Experimental Procedures for Data Collection
The effect of temperature on the development and reproduction of L. huidobrensis was studied in controlled incubator chambers (Thermo Fisher Scientific Inc., MA) at seven constant temperatures of 10°C, 15°C, 20°C, 25°C, 30°C, 32°C, and 35 °C. Data loggers (Hobo H8, Onset, MA) were used to monitor the temperature conditions. Relative humidity in the chambers was maintained at about 60% by placing containers with water; the photoperiod was kept at 12:12 (L:D) h.
Development of Immature Stages and Survival
Plants were placed in a wooden cage (45 by 30 by 25 cm) covered with fine nylon mesh and exposed to 50 L. huidobrensis 3-d-old adults of mixed sex for a 4-h oviposition period. Thereafter, plants were incubated at the required temperature. Eggs, which became clearly visible 1 d after oviposition, were individually located and marked by circling the leaf area with a felt-tip pen under binoculars. For each temperature, egg hatch of not less than 100 eggs were determined by inspecting the eggs with the microscope every 12 h. At high temperatures (30°C, 32°C, and 35 °C), the observations were made at intervals of 4–6 h. The same larvae were observed until leaf-exit to determine the larval development time. Pupae were placed individually in translucent gelatin capsule vials (7.5 by 20 mm) and maintained at the same experimental conditions. Adult emergence was recorded twice daily to determine development time of pupa and sex. This made it possible to evaluate total immature development time for males and females separately. Observations continued for 15 d until no further adults were expected to emerge. Survival in each of the life stages was recorded as the proportion of individuals that developed to the next stage deducted from the number of individuals that entered a life stage. Because no egg hatched at 35°C, an intermediate temperature of 32°C was considered and the same method applied as described above. The life-table experiment was repeated several times at 32°C (five and four times) and 35 °C (four times) owing to low survival rates at this temperature.

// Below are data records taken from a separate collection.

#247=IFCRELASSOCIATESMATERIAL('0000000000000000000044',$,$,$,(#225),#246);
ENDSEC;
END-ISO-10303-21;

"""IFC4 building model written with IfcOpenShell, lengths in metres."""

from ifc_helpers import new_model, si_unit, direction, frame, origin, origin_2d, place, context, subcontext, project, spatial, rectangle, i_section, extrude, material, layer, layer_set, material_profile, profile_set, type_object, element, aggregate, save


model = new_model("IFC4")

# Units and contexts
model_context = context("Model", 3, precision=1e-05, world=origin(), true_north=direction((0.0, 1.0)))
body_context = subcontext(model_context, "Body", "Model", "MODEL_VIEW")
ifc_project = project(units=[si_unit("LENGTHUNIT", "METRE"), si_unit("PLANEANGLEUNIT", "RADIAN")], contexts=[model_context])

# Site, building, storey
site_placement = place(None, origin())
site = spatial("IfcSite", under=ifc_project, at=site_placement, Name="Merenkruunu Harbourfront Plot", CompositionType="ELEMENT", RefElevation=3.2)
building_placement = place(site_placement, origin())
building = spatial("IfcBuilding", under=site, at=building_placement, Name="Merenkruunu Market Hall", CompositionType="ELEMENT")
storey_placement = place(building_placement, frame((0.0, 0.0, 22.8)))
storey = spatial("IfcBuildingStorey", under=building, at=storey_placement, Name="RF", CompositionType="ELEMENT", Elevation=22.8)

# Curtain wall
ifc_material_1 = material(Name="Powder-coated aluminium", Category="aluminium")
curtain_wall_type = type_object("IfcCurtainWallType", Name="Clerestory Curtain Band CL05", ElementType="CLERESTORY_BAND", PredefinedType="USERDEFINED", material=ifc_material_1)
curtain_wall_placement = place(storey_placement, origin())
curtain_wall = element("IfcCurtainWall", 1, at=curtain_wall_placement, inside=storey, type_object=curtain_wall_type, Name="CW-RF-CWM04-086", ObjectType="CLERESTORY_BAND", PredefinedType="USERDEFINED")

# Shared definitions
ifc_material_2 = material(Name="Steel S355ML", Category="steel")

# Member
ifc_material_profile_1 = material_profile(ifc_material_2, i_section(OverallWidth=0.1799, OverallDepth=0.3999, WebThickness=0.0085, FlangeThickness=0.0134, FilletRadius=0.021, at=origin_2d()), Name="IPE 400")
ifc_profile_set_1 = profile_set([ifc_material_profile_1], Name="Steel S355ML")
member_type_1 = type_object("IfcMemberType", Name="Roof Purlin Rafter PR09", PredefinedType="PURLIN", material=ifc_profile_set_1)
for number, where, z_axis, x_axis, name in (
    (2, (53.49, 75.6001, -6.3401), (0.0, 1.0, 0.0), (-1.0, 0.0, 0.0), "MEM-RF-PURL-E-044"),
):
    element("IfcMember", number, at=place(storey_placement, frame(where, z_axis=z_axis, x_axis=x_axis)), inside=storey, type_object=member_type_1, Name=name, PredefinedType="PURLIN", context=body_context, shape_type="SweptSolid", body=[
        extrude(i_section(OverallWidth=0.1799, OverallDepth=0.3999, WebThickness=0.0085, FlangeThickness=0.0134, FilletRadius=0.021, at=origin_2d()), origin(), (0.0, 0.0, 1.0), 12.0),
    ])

Adult Longevity and Reproduction
Pupae were randomly removed from the insect-rearing cages and placed individually in translucent gelatin capsule vials. One day after adult emergence, one female and one male were jointly released into a plastic cylinder (15 cm high, 10 cm diameter) that contained a faba bean plantlet (i.e., three fresh leaves placed in a flask filled with water to maintain plant turgor pressure). The cylinders were incubated at the required constant temperature, and faba bean leaflets were replaced daily until death of the female. In the event of survival of the adult male, cylinders remained without leaflets until the death of the male. The survival time was recorded separately for males and females and used to model the survival time of adults. The removed leaves containing the oviposited L. huidobrensis eggs were incubated under ambient temperature conditions between 18 °C and 27°C until L. huidobrensis eggs developed to pupae. Pupae were individually placed in gelatin capsules until adult emergence for sex determination. The number of emerged males and females and temperature were recorded daily. Female rate was always insignificantly different than 50% at any temperature, and this rate was constant throughout the life time of the female mother. In total, 30 couples were observed at each temperature.
Data for Model Validation
The influence of fluctuating temperature on the development, mortality, survival time of adults, and reproduction of L. huidobrensis was studied under natural temperature conditions at the experimental station of CIP in La Molina–Lima (12° 05′ S, 76° 57′ W, 250 m.a.s.l.) from September to November, following the same procedure as used in constant temperature studies. During this time period, a total of two generations were observed. A data logger was used to monitor the daily maximum and minimum temperature conditions.
Table 1.
Mean development time, mortality, and model fitted to development time of immature L. huidobrensis life stages at constant temperatures
Model Parameterization and Analysis
The development of the L. huidobrensis phenology model and its life-table parameter simulation was conducted using the Insect Life Cycle Modeling (ILCYM) software version 3.0 developed by CIP. It is freely available at the website of CIP https://research.cip.cgiar.org/confluence/display/ilcym/Downloads (Sporleder et al. 2013, Tonnang et al. 2013). Data collected in the life-table studies under constant temperature conditions were arranged in incomplete life-table formats as required by the “model builder” of ILCYM to process, analyze, and develop the phenology model (development time and its variation, development rate, senescence, mortality, total oviposition, and relative oviposition frequency). The “validation and simulation” module of ILCYM was applied for simulating life-table parameters and for model validation. The best-fit model was selected based on the Akaike Information Criterion (AIC), a well-known goodness-of-fit indicator (Akaike 1973) or other built in statistics (R2, Adjusted R2, MSE). The smaller the value of the AIC, the better the model fitted. For the selection of the best functions, statistical criteria and biological aspects of the species were considered (Sporleder et al. 2004, 2013).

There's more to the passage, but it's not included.